Thursday, March 13, 2008

M Theory Lesson 167

At PF, Lawrence B. Crowell taught us about the remarkable invention of non-commutative geometry by the great Hamilton, the inventor of the quaternions. But I do not refer to the quaternions themselves. Rather, as Janet Heine Barnett explains in a beautiful article on the icosian game, in Hamilton's own words:
I have lately been led to the conception of a new system, or rather family of systems, of non-commutative roots of unity, which are entirely distinct from the i j k of quaternions, though having some general analogy thereto.
The basic icosian calculus describes moves through the vertices of a dodecahedron and is generated by three kinds of move, let us say $a$, $b$ and $c$, such that $a^{2} = 1$, $b^{3} = 1$, $c^{5} = 1$ and $c = ab$. Observe the appearance of the rules for the modular group.
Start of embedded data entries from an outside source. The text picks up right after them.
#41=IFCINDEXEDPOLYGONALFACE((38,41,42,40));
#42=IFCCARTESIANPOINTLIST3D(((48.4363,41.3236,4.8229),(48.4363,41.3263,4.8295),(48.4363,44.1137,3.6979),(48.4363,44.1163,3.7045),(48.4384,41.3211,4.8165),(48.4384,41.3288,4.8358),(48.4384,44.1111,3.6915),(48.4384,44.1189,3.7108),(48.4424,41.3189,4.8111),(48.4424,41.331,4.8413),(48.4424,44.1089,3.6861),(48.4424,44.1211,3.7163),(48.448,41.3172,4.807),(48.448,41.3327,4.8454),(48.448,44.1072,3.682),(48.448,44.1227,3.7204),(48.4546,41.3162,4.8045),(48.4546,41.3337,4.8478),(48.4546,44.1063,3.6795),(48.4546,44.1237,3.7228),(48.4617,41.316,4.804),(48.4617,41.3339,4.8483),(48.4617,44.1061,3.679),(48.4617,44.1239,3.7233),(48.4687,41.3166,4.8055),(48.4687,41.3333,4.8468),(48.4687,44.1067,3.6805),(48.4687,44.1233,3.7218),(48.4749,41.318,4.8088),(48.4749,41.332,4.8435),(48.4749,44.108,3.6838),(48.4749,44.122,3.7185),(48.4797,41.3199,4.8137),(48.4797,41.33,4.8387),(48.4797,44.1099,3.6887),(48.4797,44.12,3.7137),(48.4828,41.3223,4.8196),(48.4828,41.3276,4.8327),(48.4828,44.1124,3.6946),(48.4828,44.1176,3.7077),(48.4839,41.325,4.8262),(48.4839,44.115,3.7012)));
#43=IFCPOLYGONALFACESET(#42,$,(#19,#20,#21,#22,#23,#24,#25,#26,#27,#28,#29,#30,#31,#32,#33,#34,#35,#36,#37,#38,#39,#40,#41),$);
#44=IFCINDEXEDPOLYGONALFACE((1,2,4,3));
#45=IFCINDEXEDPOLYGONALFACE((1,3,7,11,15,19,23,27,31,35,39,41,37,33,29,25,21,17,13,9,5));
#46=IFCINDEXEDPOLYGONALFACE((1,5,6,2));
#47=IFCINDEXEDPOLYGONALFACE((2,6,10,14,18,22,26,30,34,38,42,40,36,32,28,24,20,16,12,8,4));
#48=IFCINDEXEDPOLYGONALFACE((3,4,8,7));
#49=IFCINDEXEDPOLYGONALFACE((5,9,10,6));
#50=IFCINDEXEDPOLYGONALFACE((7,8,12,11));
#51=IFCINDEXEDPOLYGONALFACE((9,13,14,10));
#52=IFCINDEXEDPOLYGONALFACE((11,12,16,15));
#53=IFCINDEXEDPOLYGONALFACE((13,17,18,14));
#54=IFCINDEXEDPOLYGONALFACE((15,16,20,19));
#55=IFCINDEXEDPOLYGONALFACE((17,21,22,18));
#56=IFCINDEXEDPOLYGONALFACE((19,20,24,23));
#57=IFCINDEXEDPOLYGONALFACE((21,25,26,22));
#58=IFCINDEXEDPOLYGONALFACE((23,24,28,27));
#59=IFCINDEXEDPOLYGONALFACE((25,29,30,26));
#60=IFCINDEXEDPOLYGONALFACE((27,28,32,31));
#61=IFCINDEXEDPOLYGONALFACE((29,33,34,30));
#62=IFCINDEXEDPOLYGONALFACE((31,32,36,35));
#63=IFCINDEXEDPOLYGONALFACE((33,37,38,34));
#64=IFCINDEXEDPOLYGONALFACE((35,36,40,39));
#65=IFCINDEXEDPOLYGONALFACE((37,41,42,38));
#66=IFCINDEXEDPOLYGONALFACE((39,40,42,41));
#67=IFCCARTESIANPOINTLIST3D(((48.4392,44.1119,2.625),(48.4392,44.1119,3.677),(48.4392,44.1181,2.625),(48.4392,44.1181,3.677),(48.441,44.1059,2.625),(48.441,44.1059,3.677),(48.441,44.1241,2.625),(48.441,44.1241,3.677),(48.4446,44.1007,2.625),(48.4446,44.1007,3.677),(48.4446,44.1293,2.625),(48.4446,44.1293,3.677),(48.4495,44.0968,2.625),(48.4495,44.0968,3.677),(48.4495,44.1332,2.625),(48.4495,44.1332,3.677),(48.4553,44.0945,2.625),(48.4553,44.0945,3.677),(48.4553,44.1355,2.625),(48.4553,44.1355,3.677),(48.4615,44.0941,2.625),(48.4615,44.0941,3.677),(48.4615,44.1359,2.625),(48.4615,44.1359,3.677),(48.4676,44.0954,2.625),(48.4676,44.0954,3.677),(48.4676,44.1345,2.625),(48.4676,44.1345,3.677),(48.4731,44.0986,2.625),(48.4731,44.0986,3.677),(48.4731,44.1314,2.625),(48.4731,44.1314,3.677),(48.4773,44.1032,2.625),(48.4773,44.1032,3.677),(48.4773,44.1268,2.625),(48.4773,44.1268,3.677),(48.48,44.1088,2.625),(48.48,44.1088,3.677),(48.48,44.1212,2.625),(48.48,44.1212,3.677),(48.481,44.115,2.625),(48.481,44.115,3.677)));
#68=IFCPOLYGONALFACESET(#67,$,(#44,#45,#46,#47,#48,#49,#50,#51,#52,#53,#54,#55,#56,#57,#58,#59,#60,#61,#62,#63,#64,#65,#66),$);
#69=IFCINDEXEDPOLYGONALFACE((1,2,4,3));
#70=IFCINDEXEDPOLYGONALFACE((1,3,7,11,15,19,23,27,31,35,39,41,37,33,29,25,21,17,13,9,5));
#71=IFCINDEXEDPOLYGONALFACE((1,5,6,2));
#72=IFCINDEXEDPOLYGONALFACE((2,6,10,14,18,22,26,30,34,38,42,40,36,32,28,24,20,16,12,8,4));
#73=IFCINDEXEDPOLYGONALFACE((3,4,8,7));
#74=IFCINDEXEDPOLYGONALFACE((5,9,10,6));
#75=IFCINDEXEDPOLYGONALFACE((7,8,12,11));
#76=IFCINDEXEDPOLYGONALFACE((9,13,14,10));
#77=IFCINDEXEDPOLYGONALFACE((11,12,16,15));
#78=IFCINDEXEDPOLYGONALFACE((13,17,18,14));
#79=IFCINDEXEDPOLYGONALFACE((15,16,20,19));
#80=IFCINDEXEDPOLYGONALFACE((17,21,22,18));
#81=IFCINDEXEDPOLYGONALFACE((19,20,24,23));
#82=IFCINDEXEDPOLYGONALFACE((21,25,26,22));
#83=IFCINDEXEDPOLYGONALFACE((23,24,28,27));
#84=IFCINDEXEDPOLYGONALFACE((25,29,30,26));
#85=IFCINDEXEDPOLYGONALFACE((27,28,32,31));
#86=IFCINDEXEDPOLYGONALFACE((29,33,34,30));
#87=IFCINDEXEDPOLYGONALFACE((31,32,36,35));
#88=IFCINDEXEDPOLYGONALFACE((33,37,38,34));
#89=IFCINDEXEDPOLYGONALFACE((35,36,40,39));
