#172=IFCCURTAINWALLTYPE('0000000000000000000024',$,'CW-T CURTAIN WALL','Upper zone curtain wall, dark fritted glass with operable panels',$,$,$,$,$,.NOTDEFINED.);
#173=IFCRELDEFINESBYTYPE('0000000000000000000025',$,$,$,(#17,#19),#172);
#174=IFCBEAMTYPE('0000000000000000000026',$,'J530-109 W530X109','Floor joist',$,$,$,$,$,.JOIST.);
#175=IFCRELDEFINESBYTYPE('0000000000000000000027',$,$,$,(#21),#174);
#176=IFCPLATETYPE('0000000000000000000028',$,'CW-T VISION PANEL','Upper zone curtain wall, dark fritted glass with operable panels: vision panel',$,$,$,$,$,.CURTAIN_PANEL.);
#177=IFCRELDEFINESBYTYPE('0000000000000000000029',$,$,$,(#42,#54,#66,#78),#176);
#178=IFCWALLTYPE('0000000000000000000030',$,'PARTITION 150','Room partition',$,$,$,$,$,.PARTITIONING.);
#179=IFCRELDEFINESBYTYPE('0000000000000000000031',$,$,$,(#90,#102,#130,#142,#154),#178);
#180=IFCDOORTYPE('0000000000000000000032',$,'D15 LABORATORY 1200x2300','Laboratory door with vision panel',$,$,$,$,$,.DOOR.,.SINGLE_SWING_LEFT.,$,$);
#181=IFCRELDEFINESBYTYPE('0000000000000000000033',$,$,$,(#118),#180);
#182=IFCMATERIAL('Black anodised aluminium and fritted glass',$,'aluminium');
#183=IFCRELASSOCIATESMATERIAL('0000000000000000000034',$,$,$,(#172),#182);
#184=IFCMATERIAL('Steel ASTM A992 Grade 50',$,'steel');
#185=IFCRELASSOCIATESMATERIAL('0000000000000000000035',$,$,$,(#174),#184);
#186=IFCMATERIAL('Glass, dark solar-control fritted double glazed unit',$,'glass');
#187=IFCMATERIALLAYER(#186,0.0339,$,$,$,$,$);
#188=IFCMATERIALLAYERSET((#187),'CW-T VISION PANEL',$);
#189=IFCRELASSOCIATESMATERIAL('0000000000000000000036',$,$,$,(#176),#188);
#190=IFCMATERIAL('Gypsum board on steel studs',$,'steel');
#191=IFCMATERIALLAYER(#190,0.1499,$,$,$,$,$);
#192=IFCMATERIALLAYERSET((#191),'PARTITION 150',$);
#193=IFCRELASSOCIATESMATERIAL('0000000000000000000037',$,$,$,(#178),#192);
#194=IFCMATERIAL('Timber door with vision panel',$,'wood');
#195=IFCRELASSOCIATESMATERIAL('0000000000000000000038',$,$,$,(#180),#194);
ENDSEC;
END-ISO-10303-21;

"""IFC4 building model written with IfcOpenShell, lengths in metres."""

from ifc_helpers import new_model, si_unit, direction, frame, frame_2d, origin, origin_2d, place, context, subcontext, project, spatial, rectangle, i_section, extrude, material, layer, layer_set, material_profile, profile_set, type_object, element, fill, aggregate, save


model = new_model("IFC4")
All these moves apply to the oriented graph and are given by
a. reverse the edge (eg. $ST \mapsto TS$)
b. rotate (say left) around the endpoint (eg. $HG \mapsto BG$)
c. move one edge (to the right) along a pentagon (eg. $BZ \mapsto ZQ$) At least one crazy retired physicist has incorporated this calculus into a spacetime model for the leptons and quarks, in which the $E8$ lattice magically appears out of paired quaternion like (ie. octonion) operations. A triality involving three $E8$s is briefly discussed.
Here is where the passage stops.